Joshua now gathers the people in this city that orients them to the boundary between justice and mercy and beside the altar that commemorates God's revelation and promise and their ancestor's worshipful response.  At the moment of decision the people are surrounded by physical reminders of God's revelation and promise and oriented by their own shared practices of worship, justice, and mercy.

The leaders of the community are also such a physical reminder. Joshua summons the elders, heads, judges, and officers to station themselves and stand upright in the presence of God (24:1). These individuals possess wisdom and memory, live as visible examples of covenant faithfulness, dedicate their lives to justice, and are entrusted with responsibility for the people's welfare. They commit their bodies, hearts, and minds to bridge the space between heaven and earth and draw their people closer to God.

The opposition between worship and slavery rises to the fore.

The editorial shaping of the lection moves the hearer past God's first-person account of what God has done for Israel's past generations and given to the present generation. The emphasis falls instead on what the people will do.

The threefold repetition in one verse (24:14) of the Hebrew verb 'abad sharpens the focus. The verb occurs six more times in the lection (24:15-18; the related noun 'abadim occurs once). The range of meanings for this verb includes "to be a slave", "to serve", "to work", and "to worship." The conceptual link between worship and slavery may seem obscure or theologically distasteful, but it is critical for understanding the choice Joshua offers the tribes of Israel. They can and will give their whole selves to one kind of relationship only. Worship of false gods is slavery to human artifice and self-interest. Joshua calls Israel out of bondage into the freedom of life in covenant with God.
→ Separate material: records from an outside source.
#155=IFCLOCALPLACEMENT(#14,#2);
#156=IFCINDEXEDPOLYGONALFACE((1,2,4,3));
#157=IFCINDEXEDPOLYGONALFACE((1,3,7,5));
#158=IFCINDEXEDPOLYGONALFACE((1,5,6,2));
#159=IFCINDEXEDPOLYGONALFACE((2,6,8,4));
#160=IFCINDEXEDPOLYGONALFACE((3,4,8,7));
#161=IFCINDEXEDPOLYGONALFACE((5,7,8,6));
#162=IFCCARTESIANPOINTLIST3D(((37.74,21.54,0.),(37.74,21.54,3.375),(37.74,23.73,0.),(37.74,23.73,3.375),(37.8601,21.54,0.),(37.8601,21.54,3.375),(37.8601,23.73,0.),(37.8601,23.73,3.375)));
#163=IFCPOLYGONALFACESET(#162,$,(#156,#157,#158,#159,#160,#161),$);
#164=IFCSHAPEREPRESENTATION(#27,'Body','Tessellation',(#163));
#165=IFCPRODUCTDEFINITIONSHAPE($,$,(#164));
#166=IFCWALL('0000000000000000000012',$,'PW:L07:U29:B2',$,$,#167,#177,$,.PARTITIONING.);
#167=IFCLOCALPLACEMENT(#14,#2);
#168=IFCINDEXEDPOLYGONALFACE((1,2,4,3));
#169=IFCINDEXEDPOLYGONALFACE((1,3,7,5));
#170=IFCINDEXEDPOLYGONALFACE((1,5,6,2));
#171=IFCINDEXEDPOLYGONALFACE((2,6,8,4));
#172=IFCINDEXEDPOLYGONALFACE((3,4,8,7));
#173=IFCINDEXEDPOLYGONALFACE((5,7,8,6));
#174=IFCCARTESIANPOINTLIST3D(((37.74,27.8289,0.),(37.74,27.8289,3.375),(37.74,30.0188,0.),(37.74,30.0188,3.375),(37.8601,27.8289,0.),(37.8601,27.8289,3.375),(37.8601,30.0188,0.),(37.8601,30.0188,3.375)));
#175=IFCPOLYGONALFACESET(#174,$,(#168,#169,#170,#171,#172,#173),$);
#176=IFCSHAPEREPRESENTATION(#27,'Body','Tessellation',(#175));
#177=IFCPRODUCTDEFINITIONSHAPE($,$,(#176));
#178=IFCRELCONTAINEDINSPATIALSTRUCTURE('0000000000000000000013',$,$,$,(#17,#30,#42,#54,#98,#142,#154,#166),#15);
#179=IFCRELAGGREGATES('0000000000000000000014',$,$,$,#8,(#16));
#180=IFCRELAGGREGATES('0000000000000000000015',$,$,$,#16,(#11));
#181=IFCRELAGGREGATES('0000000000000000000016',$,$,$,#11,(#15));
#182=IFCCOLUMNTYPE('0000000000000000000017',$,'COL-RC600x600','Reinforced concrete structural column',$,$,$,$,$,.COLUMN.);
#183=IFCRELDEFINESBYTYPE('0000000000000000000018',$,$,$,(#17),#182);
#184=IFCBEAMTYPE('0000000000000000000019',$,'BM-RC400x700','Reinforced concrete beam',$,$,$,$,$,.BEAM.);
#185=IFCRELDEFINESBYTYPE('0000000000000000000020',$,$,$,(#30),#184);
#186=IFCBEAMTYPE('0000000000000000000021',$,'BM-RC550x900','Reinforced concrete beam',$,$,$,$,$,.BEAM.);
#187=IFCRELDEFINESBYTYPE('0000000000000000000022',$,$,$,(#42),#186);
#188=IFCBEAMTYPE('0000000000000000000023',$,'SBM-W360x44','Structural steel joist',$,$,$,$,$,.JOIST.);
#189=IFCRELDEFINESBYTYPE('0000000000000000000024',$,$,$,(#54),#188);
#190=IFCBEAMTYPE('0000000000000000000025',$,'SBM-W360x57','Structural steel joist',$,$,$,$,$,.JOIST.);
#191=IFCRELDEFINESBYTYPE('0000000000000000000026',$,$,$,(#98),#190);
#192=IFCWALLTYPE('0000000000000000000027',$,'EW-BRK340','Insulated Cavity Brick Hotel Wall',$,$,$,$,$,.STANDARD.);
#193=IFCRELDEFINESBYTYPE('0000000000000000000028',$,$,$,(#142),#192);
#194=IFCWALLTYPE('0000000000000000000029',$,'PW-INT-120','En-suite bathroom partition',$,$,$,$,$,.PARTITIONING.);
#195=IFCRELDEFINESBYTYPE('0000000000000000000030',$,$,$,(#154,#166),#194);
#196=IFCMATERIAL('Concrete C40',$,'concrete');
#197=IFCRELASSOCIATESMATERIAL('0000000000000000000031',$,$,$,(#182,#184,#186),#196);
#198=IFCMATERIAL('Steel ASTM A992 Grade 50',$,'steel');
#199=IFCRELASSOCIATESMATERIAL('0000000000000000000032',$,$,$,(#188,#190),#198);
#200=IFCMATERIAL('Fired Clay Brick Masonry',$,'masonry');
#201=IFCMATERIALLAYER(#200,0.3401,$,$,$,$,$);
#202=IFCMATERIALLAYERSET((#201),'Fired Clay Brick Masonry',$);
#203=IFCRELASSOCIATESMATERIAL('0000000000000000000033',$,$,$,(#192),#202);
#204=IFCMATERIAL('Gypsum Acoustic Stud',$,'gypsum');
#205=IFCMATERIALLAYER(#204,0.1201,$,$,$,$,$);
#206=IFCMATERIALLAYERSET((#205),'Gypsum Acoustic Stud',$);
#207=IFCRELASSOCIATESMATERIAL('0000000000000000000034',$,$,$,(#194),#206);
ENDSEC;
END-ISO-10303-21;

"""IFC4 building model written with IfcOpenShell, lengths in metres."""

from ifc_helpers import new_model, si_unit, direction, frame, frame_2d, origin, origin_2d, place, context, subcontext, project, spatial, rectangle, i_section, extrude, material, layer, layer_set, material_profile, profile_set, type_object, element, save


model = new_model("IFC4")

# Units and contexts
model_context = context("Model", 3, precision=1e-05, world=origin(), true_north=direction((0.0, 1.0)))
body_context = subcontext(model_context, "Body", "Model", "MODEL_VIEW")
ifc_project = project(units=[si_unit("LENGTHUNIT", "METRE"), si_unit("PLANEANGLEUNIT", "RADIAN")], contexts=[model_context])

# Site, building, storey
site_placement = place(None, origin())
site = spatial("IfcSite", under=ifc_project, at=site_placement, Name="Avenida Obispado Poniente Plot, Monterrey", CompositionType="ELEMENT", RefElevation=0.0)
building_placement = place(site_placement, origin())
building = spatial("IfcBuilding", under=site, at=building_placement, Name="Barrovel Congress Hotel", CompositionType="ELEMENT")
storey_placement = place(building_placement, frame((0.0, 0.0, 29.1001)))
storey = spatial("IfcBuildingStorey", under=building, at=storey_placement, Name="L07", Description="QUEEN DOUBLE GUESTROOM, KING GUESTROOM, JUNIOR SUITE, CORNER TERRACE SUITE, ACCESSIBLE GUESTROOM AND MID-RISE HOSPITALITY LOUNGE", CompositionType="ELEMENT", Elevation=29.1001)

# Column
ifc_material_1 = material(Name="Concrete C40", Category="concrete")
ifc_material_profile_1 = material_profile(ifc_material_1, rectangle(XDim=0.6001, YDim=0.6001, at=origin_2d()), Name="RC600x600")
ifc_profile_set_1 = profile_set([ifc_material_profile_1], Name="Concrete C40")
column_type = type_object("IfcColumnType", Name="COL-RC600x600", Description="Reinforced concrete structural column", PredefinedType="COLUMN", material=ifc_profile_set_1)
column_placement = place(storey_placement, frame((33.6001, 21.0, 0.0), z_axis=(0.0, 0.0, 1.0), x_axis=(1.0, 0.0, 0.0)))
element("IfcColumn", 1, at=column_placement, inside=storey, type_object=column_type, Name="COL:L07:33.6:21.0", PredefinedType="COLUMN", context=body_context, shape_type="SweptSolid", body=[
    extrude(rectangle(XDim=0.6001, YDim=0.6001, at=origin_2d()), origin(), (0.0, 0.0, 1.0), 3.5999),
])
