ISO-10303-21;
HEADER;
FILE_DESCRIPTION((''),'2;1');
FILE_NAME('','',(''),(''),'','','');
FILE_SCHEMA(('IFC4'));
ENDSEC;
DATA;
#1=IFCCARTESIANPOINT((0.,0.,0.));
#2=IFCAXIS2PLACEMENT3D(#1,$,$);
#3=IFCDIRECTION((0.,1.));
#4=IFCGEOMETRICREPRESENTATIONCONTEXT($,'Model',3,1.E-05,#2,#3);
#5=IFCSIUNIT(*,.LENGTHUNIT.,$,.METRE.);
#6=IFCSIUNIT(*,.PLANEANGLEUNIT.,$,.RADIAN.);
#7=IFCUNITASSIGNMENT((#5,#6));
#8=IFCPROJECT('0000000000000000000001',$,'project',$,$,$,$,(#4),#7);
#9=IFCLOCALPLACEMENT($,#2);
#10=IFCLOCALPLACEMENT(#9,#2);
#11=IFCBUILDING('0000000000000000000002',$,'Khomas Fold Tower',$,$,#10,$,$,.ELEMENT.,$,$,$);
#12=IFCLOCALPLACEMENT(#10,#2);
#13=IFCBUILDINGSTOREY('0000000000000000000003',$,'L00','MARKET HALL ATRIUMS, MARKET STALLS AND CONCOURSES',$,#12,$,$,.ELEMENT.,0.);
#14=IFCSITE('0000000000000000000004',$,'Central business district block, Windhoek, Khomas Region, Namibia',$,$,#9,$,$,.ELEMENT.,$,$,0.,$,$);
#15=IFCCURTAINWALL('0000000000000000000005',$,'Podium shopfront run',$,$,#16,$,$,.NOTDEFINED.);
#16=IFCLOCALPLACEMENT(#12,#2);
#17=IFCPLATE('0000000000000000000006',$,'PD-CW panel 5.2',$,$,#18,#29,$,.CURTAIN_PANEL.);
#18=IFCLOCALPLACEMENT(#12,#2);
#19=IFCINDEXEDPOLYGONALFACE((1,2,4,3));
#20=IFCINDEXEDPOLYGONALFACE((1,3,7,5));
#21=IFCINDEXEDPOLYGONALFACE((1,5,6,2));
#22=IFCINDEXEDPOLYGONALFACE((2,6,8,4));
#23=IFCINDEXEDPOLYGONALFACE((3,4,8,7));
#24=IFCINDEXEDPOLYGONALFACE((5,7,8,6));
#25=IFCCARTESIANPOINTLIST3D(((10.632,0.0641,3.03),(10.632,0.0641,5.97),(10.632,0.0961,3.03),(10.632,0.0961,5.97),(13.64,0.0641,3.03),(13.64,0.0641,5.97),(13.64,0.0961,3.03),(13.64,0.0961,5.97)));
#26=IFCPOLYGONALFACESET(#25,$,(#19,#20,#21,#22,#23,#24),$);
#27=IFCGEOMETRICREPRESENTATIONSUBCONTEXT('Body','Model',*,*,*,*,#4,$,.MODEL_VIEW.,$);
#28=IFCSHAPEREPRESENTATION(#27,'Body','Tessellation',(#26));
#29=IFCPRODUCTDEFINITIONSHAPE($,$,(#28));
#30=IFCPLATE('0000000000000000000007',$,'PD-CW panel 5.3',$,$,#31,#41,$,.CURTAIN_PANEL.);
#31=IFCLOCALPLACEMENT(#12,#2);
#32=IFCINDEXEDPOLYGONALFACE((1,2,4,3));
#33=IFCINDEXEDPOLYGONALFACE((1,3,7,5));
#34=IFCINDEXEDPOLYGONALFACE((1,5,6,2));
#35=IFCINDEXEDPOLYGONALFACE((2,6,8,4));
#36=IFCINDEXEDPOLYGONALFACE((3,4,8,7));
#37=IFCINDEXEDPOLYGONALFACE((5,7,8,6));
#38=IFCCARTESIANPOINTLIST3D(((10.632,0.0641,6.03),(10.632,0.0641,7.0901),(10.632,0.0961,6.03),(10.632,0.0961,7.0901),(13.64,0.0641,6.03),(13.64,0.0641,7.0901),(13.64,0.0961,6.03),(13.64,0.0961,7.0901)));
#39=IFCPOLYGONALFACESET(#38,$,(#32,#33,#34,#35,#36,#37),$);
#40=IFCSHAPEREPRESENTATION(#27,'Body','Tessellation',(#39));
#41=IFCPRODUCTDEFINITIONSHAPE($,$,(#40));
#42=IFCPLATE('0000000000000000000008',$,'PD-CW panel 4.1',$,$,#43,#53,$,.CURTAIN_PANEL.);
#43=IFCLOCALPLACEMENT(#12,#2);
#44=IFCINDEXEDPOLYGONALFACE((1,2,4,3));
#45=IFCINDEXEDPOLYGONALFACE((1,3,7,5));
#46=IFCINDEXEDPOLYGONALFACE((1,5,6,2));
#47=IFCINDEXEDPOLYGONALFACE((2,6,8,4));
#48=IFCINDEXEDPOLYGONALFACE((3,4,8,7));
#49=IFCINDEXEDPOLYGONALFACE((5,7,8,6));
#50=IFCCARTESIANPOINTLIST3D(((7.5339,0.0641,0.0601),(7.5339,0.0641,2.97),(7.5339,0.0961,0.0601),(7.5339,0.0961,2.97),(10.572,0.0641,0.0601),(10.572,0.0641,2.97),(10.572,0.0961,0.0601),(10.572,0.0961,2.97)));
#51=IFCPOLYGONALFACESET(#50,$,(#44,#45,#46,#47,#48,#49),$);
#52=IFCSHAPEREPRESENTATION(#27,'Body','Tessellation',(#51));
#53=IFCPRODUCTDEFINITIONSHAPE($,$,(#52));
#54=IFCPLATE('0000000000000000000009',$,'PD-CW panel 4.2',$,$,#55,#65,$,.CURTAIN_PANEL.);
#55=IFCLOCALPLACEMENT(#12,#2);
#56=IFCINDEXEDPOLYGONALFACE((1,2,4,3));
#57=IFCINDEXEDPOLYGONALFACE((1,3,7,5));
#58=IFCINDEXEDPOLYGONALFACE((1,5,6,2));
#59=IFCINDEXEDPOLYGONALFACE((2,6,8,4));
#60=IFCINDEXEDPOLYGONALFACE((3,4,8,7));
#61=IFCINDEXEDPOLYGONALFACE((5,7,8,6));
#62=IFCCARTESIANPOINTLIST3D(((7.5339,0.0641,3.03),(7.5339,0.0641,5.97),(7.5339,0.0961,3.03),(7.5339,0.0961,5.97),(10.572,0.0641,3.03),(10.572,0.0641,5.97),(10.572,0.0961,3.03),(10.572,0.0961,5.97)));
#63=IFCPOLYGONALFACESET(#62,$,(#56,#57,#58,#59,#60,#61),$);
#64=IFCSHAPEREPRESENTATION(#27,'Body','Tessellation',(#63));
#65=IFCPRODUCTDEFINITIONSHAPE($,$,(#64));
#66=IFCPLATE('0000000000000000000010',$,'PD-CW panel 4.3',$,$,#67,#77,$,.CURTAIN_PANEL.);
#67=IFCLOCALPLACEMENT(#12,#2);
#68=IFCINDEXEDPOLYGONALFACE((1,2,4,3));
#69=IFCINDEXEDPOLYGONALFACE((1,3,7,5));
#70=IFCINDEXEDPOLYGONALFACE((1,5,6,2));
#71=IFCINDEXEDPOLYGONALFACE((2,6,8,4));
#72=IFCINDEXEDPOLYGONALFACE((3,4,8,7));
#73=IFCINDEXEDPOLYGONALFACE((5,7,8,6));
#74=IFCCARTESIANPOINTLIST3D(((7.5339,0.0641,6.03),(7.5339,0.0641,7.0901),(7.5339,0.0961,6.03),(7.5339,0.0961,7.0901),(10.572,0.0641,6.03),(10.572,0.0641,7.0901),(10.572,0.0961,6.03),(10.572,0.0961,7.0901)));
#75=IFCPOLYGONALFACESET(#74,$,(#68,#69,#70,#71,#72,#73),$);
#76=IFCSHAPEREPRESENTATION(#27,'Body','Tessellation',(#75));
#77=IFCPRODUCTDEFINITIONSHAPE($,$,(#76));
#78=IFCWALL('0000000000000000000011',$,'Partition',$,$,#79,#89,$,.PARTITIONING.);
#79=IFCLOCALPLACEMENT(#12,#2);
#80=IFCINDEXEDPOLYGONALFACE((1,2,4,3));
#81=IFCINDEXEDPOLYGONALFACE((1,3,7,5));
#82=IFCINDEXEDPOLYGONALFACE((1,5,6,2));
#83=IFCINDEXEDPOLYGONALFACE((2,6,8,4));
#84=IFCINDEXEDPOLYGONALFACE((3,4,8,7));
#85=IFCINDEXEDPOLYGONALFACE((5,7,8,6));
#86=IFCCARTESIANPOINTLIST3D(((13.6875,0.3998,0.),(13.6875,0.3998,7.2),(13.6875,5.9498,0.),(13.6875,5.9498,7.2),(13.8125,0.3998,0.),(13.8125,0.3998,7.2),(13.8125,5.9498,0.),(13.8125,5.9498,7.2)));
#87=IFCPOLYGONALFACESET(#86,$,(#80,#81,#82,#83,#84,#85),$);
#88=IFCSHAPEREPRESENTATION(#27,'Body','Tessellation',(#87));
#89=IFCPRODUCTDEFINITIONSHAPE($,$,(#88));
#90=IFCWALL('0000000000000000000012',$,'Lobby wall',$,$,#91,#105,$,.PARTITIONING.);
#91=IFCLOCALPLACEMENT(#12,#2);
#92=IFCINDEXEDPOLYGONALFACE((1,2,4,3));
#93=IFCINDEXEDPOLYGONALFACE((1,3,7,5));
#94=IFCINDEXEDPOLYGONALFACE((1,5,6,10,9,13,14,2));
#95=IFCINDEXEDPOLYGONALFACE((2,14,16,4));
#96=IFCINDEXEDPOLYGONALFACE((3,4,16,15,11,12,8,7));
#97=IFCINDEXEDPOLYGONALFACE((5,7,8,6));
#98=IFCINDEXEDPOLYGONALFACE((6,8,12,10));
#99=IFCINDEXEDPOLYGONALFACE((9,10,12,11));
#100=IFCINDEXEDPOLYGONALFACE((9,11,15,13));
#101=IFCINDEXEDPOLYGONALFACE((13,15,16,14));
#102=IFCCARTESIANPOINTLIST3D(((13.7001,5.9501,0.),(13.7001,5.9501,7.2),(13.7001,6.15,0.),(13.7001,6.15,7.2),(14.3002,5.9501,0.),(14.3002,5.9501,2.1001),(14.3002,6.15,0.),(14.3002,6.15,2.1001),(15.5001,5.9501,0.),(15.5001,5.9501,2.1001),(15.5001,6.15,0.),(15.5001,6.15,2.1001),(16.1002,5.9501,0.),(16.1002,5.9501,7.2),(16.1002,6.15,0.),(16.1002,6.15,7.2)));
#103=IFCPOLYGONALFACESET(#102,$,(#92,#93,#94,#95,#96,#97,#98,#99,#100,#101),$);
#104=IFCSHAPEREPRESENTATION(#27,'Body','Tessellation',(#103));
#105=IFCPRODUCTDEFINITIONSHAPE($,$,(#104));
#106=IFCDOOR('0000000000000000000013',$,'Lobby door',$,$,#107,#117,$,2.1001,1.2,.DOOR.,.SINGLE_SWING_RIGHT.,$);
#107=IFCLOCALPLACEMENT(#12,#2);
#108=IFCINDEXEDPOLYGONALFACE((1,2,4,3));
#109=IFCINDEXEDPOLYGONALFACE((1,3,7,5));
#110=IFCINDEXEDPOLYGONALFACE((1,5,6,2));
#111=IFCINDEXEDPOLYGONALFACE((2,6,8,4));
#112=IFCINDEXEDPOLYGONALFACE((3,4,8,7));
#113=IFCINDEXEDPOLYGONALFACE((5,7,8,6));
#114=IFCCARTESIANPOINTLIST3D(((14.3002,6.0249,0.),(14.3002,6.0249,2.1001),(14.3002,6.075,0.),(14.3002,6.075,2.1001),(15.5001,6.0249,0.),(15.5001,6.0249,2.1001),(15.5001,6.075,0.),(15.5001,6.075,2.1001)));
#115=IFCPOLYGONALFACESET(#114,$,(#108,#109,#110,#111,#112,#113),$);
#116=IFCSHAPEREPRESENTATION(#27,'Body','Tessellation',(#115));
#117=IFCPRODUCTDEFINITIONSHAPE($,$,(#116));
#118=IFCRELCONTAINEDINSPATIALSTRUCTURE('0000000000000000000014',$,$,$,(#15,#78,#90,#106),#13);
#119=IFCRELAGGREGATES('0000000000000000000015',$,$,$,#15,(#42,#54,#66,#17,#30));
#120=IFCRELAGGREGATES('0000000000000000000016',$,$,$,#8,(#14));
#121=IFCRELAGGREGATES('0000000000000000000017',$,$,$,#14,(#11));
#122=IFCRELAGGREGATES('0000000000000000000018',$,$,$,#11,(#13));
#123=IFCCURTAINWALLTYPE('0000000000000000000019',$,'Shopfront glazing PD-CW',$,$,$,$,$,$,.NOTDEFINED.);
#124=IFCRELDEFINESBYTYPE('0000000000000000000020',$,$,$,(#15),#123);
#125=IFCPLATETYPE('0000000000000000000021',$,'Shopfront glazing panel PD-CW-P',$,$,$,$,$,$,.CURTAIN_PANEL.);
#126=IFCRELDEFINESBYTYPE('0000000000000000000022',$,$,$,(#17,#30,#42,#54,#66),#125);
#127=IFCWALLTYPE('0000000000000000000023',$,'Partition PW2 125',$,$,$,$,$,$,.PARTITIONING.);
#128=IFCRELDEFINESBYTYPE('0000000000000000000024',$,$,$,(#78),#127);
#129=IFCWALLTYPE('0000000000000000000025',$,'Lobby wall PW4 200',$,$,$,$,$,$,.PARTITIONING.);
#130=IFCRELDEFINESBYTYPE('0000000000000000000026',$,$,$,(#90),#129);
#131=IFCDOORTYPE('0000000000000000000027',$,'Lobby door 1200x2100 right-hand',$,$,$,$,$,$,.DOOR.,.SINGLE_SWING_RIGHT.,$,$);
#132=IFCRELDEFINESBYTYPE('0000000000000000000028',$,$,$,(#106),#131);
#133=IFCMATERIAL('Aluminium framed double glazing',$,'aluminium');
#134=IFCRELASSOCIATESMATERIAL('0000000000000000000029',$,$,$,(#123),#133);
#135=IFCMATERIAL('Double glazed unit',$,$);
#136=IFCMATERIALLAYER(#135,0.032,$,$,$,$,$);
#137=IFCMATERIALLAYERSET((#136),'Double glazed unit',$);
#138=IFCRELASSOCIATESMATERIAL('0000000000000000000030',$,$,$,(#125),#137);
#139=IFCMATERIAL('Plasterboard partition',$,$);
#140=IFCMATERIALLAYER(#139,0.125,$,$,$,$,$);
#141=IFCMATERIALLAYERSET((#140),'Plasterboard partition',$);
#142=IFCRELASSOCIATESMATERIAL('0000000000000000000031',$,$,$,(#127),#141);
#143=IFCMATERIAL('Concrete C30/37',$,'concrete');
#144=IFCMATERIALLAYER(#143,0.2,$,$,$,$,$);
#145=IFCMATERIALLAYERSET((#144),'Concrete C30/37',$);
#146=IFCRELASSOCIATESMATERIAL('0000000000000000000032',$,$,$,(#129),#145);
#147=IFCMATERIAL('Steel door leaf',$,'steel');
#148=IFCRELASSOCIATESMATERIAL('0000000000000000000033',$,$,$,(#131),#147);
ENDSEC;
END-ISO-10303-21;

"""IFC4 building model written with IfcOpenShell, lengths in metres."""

from ifc_helpers import new_model, si_unit, direction, frame, frame_2d, origin, origin_2d, place, context, subcontext, project, spatial, rectangle, extrude, source, transform, mapped, material, layer, layer_set, type_object, element, fill, aggregate, save


model = new_model("IFC4")

# Units and contexts
model_context = context("Model", 3, precision=1e-05, world=origin(), true_north=direction((0.0, 1.0)))
body_context = subcontext(model_context, "Body", "Model", "MODEL_VIEW")
ifc_project = project(units=[si_unit("LENGTHUNIT", "METRE"), si_unit("PLANEANGLEUNIT", "RADIAN")], contexts=[model_context])

# Site, building, storey
site_placement = place(None, origin())
site = spatial("IfcSite", under=ifc_project, at=site_placement, Name="Central business district block, Windhoek, Khomas Region, Namibia", CompositionType="ELEMENT", RefElevation=0.0)
building_placement = place(site_placement, origin())
building = spatial("IfcBuilding", under=site, at=building_placement, Name="Khomas Fold Tower", CompositionType="ELEMENT")
storey_placement = place(building_placement, origin())
storey = spatial("IfcBuildingStorey", under=building, at=storey_placement, Name="L00", Description="MARKET HALL ATRIUMS, MARKET STALLS AND CONCOURSES", CompositionType="ELEMENT", Elevation=0.0)

# Curtain wall
ifc_material_1 = material(Name="Aluminium framed double glazing", Category="aluminium")
curtain_wall_type = type_object("IfcCurtainWallType", Name="Shopfront glazing PD-CW", PredefinedType="NOTDEFINED", material=ifc_material_1)
curtain_wall_1_placement = place(storey_placement, origin())
curtain_wall_1 = element("IfcCurtainWall", 1, at=curtain_wall_1_placement, inside=storey, type_object=curtain_wall_type, Name="Podium shopfront run", PredefinedType="NOTDEFINED")

# Plates
ifc_material_2 = material(Name="Double glazed unit")
ifc_layer_1 = layer(ifc_material_2, 0.032)
ifc_layer_set_1 = layer_set([ifc_layer_1], Name="Double glazed unit")
plate_type = type_object("IfcPlateType", Name="Shopfront glazing panel PD-CW-P", PredefinedType="CURTAIN_PANEL", material=ifc_layer_set_1)
shared_shape_1 = source(origin(), body_context, "Body", "SweptSolid", [
    extrude(rectangle(XDim=3.0081, YDim=0.032, at=origin_2d()), origin(), (0.0, 0.0, 1.0), 2.9399),
])
plate_1_placement = place(storey_placement, frame((12.136, 0.0801, 3.03), z_axis=(0.0, 0.0, 1.0), x_axis=(1.0, 0.0, 0.0)))
plate_1 = element("IfcPlate", 2, at=plate_1_placement, type_object=plate_type, Name="PD-CW panel 5.2", PredefinedType="CURTAIN_PANEL", context=body_context, shape_type="MappedRepresentation", body=[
Joshua's call to worship Yahweh in integrity therefore entails putting away (vehasîrû)  the gods "your ancestors" worshipped in Mesopotamia and Egypt (24:14). This instruction echoes an earlier command. In the book of Genesis, Jacob instructs his household to put away foreign gods (Genesis 35:2), and he hides the gods beneath the oak at Shechem (35:4), in the very ground on which the tribes now stand. The preacher who now summons the congregation to choose worship of God must also reveal the false gods hidden like landmines in the ground beneath their feet.

The people speak their reasons and tell their story in their own words.

The elided divine speech in Joshua 24:2b-13 offers God's version of the story and suggests reasons, from God's point of view, why the Israelites should now choose to serve God. But to arrive at their decision in true freedom and integrity, the people must tell their own story and declare their own reasons.

They begin by naming the relationship that has claimed them and allows them to claim God for their own: "Yahweh is our God" (24:17). They then profess that God brought "us" and "our fathers" up from Egypt, from a house of slaves. The people who stand before Joshua never set foot in the land of Egypt (except possibly Caleb, see Deuteronomy 1:36), but they remember this passage to freedom. They testify to miracles worked in their sight and to God's care for them on the road and in their crossings.

Only after the tribes have told the story in their own words do they declare their commitment to serve Yahweh (Joshua 24:18). This declaration is climactic, but not the last word. Three words follow, highlighting once again the relationship that is the ground for every free choice this people makes: "Because [Yahweh] is our God" (24:18).